In more detail: The first byte is split into two nibbles (4-bit values). The low-order bits tell you the number of bytes in the run length; the high-order bits tell you the number of bytes in the offset to the run.
These values stored in the length and offset are in units of clusters, not bytes or sectors, and the offset bytes are signed.
And, the while the length is what you’d expect, the offset is relative to the previous offset in the runlist (the first offset is relative to the start of the filesystem, that is, cluster 0). Let’s look at some data:
11 13 04
So, byte 1 contains 11
, which in binary is
0001 0001
This run is described by a single byte offset and length. The length comes first: 13
, so it’s 19 clusters long. The offset comes next: 04
, so it starts 4 clusters past the start of the file system. Which is what we expect, again as shown by istat
.
istat simple.ntfs 0-128-1
...
Type: $DATA (128-1) Name: N/A Non-Resident size: 66560 init_size: 66560
4 5 6 7 8 9 10 11
12 13 14 15 16 17 18 19
20 0 0
...
Notice there are 19 values there. They start at 4 and then there are 19 of them. The last two are zero. Why? The allocated size of this attribute’s content (bytes 40–47: as an int: 77824) is exactly 19 4kB clusters. But the actual size (bytes 48–55: 66560) fits in 16.25 clusters. So the last two clusters are allocated but not used. istat
represents this by showing their numbers as zeroes.

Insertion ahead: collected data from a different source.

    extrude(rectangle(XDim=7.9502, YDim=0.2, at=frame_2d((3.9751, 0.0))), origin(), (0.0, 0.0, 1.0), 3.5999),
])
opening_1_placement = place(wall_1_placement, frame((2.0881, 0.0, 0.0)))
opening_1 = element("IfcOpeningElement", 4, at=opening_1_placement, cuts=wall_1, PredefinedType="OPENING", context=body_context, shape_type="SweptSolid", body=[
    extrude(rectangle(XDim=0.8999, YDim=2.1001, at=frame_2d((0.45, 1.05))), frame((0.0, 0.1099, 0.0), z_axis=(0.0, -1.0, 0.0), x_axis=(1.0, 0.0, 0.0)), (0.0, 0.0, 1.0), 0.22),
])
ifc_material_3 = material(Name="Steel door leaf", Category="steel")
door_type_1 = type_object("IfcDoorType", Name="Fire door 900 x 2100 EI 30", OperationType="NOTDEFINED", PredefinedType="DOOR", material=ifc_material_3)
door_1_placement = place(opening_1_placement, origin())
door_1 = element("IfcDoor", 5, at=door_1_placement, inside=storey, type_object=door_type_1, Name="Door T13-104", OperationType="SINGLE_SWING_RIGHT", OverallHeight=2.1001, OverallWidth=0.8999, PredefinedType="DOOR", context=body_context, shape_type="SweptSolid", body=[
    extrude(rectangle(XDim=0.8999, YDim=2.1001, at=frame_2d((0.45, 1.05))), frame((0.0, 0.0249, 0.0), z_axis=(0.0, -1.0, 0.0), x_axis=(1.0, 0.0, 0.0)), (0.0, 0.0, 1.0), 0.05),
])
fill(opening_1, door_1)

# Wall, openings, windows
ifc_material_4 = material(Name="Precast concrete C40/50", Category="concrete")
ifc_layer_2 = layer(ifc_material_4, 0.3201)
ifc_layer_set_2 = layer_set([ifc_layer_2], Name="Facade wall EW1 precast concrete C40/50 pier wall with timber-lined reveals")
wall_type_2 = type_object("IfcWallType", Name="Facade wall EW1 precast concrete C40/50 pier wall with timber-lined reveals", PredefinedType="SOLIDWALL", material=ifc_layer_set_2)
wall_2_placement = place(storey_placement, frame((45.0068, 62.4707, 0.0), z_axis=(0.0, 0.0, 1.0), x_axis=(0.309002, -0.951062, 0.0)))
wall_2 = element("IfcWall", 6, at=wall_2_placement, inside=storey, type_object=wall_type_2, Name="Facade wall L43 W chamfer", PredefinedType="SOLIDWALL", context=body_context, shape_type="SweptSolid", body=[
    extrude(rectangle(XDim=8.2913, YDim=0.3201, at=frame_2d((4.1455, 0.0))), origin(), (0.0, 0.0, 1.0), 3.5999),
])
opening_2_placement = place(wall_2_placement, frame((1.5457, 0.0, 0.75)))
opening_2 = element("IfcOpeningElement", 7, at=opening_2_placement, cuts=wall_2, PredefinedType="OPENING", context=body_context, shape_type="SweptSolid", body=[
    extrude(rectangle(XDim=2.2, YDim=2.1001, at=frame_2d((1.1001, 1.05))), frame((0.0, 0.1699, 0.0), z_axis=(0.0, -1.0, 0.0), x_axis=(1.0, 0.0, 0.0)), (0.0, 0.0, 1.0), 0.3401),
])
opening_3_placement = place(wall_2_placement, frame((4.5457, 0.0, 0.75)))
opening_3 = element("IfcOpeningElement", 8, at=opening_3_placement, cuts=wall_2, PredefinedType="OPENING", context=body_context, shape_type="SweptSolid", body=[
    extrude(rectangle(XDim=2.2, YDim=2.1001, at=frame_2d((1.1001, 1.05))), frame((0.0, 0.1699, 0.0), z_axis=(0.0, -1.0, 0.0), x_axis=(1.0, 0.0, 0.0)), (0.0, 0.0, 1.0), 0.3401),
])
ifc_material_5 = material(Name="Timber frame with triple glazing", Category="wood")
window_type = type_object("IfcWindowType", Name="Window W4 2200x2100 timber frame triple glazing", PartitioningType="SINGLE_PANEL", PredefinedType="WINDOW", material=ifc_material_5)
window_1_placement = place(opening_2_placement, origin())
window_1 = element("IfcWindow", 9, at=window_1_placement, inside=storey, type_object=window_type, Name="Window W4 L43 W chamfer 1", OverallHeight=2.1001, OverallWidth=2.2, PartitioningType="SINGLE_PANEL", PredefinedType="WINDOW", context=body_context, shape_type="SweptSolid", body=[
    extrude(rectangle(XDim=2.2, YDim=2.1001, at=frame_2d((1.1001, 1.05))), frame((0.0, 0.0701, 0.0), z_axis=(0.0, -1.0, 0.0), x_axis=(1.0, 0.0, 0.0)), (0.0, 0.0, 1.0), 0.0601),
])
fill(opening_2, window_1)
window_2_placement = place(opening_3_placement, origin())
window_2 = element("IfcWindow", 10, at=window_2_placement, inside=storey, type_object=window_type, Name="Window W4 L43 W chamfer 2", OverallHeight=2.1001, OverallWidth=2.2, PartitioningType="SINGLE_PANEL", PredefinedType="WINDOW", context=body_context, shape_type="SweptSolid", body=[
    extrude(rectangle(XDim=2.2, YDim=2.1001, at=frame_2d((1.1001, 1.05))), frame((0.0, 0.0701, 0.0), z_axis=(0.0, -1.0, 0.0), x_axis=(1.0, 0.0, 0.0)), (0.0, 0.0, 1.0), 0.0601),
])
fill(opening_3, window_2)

If you continue parsing this entry, you’ll see that there’s one more attribute of type 0xb0
, which is a $BITMAP
attribute. This is used to track index records in the MFT, but we’ll not concern ourselves with it.
How do you know you are done parsing attributes? The MFT entry is of fixed size, and doesn’t include a “total length” in its header. Instead, you look for the hex value ffff ffff
where you’d expect an attribute to begin; that indicates you have finished. In this MFT entry they’re at offset 0x190 from the start of the entry.